# Gigi loves everyone...



## sandooch (Jan 20, 2011)

TOO much!

She is great when I'm telling her to do a sit/stay or down/stay when we are alone or with immediate family. But if someone comes to the front door and she starts to bark. I will put her in a sit/stay, which it will take her a few tries to do because she wants to see whose at the door. When I finally get her to sit and open the door saying, "Stay", all Hell breaks loose. She immediately charges the door with excitement. I mean it's like she hasn't seen whoever it is at the door in years. Her whole body shakes and she starts to whine like she's missed them forever (this could be a stranger, too). It takes her a good 5 minutes to calm down.

Most people like the attention she gives them, but I don't want her to do this. I want to get her to obey me in a sit/stay and not fawn all over everyone when they visit or come home from being out for even 5 minutes.

What is the best way to get her to obey me in this situation?


----------



## poodlemom2be (Jan 30, 2011)

I would love to know the answer to this too, Ladybug does the same exact thing, and she won't listen if her nose catches a scent of something my children have dropped on the carpet.
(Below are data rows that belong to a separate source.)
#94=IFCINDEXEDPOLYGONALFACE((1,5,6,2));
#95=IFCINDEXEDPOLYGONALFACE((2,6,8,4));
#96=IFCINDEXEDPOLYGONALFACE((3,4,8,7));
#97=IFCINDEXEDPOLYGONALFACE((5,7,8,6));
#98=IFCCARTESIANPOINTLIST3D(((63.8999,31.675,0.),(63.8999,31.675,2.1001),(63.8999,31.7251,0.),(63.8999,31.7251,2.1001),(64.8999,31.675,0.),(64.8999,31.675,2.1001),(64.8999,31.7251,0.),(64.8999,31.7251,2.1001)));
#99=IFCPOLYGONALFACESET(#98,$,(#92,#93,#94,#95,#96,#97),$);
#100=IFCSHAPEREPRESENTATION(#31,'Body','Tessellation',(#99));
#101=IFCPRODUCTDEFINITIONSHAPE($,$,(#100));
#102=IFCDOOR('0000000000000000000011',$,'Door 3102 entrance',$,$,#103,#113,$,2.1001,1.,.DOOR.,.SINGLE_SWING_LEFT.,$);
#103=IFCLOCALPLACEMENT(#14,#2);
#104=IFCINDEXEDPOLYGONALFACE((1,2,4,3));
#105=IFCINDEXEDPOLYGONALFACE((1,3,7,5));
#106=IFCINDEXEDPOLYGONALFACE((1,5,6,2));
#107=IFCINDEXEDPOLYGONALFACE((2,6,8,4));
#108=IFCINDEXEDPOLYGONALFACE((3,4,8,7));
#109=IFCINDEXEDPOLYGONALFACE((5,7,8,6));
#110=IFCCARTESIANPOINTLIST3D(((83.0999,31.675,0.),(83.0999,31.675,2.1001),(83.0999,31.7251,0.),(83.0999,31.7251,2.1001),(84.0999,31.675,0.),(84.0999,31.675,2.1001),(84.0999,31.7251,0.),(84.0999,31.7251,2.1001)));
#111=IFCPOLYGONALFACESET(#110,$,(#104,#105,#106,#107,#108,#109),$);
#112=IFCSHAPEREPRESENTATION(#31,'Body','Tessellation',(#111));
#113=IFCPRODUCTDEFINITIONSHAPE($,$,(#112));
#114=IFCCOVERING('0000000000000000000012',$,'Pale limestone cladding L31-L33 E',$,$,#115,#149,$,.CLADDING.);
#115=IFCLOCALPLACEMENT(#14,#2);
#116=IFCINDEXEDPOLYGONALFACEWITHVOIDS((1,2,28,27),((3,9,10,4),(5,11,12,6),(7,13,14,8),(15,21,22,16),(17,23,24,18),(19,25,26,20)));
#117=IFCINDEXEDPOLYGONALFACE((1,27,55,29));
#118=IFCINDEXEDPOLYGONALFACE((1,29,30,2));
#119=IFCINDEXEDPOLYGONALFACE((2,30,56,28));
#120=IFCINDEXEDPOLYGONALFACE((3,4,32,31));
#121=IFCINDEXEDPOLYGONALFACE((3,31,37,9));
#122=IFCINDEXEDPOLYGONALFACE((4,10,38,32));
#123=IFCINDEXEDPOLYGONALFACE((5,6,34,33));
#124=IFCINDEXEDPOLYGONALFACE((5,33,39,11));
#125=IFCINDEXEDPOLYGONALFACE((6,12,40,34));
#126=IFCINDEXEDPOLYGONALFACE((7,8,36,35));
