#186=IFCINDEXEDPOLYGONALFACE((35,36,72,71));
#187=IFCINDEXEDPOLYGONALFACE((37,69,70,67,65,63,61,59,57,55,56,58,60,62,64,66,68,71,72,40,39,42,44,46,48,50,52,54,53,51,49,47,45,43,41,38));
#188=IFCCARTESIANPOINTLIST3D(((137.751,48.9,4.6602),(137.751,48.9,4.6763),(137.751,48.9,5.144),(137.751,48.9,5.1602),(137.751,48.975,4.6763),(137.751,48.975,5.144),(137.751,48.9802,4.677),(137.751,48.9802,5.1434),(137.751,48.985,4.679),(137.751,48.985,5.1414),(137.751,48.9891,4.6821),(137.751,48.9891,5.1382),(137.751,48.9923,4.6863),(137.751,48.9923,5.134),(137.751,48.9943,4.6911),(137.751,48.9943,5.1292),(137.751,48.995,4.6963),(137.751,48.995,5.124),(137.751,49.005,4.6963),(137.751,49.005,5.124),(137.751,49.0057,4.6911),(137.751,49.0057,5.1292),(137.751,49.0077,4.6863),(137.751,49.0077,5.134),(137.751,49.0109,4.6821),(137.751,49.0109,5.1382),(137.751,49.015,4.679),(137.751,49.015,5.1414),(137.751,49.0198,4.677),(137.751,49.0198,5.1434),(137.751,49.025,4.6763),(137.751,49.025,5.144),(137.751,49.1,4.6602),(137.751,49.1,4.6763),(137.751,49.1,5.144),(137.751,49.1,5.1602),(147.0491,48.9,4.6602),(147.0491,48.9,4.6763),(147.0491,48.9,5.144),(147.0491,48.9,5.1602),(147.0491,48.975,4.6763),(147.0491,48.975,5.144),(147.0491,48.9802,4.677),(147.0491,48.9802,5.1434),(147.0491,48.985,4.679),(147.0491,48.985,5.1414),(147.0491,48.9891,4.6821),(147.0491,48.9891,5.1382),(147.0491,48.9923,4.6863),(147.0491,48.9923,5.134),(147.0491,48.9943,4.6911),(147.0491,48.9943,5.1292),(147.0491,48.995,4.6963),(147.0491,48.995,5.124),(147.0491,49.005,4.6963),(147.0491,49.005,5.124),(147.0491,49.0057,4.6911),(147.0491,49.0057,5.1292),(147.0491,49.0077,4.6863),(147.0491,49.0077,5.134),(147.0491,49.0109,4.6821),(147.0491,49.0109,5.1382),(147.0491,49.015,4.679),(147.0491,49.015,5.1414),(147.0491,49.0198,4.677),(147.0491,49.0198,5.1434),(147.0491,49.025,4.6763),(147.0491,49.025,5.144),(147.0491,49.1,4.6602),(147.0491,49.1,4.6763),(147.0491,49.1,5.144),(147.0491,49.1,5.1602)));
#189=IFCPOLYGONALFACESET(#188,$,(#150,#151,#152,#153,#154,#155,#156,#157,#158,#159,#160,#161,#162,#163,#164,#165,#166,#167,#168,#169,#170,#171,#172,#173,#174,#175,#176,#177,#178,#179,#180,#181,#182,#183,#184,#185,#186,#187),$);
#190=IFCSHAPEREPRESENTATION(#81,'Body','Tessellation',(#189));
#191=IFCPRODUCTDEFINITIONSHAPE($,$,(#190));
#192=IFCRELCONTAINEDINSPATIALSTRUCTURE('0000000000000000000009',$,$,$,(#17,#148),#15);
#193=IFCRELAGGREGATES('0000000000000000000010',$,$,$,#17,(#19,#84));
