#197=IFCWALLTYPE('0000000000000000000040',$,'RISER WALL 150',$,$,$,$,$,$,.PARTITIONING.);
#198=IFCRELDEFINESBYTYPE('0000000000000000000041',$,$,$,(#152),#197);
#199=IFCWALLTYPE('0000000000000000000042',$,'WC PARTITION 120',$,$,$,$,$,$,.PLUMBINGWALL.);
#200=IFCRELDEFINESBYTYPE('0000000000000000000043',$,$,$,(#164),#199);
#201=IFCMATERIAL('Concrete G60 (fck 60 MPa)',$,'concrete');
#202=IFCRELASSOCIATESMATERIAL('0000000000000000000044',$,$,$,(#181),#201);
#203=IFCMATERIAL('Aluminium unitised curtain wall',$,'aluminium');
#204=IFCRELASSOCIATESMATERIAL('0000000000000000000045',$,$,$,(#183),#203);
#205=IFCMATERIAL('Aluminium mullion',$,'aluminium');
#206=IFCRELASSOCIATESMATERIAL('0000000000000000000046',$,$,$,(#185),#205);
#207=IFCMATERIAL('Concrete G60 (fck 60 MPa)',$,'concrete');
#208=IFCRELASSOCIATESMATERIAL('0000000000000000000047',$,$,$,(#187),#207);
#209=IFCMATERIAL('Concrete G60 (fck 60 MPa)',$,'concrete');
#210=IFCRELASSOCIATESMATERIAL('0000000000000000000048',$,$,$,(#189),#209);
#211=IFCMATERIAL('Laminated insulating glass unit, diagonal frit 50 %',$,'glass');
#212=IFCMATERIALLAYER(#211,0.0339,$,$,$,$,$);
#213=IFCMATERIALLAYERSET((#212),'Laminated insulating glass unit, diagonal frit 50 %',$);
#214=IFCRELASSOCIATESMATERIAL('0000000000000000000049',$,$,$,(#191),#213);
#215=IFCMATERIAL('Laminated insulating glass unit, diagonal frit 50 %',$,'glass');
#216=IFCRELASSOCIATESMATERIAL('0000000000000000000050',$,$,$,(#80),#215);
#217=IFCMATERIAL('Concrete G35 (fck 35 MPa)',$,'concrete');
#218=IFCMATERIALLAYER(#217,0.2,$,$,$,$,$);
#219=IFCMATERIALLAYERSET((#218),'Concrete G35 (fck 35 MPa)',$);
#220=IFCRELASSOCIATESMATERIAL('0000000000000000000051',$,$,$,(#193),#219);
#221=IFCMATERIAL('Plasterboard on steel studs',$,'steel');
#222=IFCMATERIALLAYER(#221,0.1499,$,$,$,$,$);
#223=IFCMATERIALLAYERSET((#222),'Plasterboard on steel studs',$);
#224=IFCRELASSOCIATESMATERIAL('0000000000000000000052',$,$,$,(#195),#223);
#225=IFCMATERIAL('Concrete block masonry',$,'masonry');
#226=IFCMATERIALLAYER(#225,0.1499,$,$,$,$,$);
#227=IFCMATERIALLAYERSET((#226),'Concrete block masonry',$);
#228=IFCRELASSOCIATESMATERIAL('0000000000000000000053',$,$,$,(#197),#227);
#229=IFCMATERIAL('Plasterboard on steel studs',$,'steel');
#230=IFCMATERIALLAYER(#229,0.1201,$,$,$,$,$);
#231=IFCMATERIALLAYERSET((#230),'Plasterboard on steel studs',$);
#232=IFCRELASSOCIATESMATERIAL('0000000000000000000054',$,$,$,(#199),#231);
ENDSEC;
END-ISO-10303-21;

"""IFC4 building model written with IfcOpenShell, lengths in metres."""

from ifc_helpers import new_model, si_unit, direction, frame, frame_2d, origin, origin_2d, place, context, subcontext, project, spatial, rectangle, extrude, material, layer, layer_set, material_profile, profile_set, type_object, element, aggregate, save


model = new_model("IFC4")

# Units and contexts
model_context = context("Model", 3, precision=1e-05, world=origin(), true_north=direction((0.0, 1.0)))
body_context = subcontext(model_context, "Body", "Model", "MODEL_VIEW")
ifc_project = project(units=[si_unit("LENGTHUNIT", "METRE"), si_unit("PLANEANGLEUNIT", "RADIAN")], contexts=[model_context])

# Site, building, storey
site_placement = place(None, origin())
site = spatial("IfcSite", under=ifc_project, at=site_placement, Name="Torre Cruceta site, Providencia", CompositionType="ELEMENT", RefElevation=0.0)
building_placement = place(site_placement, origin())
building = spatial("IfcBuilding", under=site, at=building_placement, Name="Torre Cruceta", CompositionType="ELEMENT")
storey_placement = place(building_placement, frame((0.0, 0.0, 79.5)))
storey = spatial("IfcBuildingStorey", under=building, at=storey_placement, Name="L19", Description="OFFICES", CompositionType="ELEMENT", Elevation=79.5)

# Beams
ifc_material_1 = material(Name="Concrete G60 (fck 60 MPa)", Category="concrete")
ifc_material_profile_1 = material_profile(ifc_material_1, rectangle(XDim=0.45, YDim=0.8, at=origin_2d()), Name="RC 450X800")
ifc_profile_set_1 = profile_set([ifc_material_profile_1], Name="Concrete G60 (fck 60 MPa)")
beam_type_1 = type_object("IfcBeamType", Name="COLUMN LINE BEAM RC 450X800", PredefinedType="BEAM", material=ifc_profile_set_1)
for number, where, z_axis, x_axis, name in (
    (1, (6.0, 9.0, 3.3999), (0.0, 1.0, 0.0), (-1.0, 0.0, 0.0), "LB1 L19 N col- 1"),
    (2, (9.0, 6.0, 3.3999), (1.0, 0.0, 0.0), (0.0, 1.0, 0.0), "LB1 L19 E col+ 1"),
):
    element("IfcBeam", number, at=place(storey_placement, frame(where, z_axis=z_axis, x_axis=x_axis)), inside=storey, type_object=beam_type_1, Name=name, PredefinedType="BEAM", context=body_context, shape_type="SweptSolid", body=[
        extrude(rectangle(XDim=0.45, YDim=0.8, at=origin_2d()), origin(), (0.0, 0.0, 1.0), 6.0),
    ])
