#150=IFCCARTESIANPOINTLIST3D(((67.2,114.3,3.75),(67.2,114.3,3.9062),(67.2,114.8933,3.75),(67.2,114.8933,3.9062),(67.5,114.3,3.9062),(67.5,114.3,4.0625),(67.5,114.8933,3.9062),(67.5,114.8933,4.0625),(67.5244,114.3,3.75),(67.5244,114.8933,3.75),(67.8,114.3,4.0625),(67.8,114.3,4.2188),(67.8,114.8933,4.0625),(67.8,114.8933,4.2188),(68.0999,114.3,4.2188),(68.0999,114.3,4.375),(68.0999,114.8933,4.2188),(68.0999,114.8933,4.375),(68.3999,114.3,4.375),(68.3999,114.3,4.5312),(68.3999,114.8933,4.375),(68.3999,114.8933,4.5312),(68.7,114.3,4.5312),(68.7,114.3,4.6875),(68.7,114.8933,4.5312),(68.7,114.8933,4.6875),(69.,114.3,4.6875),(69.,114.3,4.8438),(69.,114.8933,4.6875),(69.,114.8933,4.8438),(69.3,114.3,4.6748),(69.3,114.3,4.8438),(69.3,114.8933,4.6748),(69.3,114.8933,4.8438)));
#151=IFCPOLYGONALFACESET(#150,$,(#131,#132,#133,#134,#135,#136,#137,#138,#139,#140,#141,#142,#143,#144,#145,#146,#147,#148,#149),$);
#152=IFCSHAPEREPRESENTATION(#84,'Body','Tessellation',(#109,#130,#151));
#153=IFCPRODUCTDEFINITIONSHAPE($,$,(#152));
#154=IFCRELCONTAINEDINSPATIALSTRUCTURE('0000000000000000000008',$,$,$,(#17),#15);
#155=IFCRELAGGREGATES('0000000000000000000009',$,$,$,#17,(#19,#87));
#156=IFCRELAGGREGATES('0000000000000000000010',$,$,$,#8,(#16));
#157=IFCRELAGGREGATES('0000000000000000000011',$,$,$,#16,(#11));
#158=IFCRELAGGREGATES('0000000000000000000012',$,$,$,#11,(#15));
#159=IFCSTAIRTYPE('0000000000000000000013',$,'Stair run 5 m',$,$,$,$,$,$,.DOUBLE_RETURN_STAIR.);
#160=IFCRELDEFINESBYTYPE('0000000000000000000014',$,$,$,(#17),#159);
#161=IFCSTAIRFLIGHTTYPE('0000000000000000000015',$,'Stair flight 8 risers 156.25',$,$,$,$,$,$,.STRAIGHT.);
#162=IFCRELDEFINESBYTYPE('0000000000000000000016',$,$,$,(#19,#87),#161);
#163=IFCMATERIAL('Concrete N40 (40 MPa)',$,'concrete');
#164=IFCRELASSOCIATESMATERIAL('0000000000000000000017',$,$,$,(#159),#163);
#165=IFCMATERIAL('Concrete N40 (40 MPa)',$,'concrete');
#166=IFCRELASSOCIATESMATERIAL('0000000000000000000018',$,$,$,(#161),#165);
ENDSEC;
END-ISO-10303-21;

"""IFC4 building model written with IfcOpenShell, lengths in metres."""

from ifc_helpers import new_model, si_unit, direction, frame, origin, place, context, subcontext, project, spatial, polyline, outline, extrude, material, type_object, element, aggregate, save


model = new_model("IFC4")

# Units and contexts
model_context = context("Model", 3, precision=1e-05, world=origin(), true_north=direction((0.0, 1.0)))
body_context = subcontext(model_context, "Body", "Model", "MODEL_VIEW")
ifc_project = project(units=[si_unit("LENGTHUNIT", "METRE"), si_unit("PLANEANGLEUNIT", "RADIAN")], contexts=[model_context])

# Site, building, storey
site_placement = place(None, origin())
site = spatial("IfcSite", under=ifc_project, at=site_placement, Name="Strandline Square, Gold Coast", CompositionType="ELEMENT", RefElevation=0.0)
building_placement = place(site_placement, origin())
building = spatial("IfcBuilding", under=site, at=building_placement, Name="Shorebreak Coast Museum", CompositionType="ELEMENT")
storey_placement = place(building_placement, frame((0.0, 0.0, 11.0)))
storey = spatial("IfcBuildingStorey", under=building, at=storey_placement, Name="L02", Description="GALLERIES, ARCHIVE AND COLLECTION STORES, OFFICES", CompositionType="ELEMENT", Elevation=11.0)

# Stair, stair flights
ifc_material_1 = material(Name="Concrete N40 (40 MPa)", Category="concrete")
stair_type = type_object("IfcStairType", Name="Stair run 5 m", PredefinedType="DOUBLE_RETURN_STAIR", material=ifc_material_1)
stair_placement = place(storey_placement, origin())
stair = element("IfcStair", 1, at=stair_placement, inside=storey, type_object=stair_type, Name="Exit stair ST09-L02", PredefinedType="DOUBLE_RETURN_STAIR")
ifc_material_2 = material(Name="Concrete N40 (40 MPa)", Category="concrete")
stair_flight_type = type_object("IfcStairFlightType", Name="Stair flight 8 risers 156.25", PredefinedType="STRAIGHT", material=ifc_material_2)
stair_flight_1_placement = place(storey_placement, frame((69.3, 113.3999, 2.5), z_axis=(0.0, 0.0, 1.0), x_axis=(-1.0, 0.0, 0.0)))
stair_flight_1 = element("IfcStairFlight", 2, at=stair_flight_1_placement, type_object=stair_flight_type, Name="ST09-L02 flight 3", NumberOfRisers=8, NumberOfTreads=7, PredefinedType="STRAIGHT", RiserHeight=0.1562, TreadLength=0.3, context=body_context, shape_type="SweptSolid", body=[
Same thing outside too, which frightens me. I'm wondering if this just comes with time and persistence? I totally feel your pain


----------



## stealthq (Aug 4, 2011)

If it were me, I'd get a patient friend or family member who's willing to help out. I'd do this in stages.

Stage 1: Have your helper come to the door and knock/ring the bell like normal. Put your dog in a sit/stay and move to the door. If she breaks, walk away from the door and don't open it. Have your helper walk away from the door, too. Try again from the beginning in 5min or so. Repeat until you can reliably get to the door and touch the handle w/o breaking the sit/stay. Reward w/ treats if not going to Stage 2.

Stage 2: Do Stage 1. If successful, start opening the door. When she breaks the sit/stay, close the door. You and the helper walk away from the door. Try again from the beginning in 5min or so. Repeat until you can reliably open the door (helper stays in the doorway) w/o breaking the sit/stay. Reward w/ treats if not going to Stage 3.

Stage 3: Do Stage 2. If successful, have helper enter the house. When she breaks the sit/stay, helper leaves, door closes. You and the helper walk away from the door. Try again from the beginning in 5min or so. Repeat until the helper can enter the house, walk to your dog and start petting (or whatever behavior you prefer) w/o breaking the sit/stay. Here, the petting and attention is the reward, so no treats should be needed.


----------



## sandooch (Jan 20, 2011)

Thank you so much, stealthq. Now I need to find a patient person to help me with this.


----------



## JE-UK (Mar 10, 2010)

Good advice from stealthg. You can't expect her to go from 1+1 to differential calculus.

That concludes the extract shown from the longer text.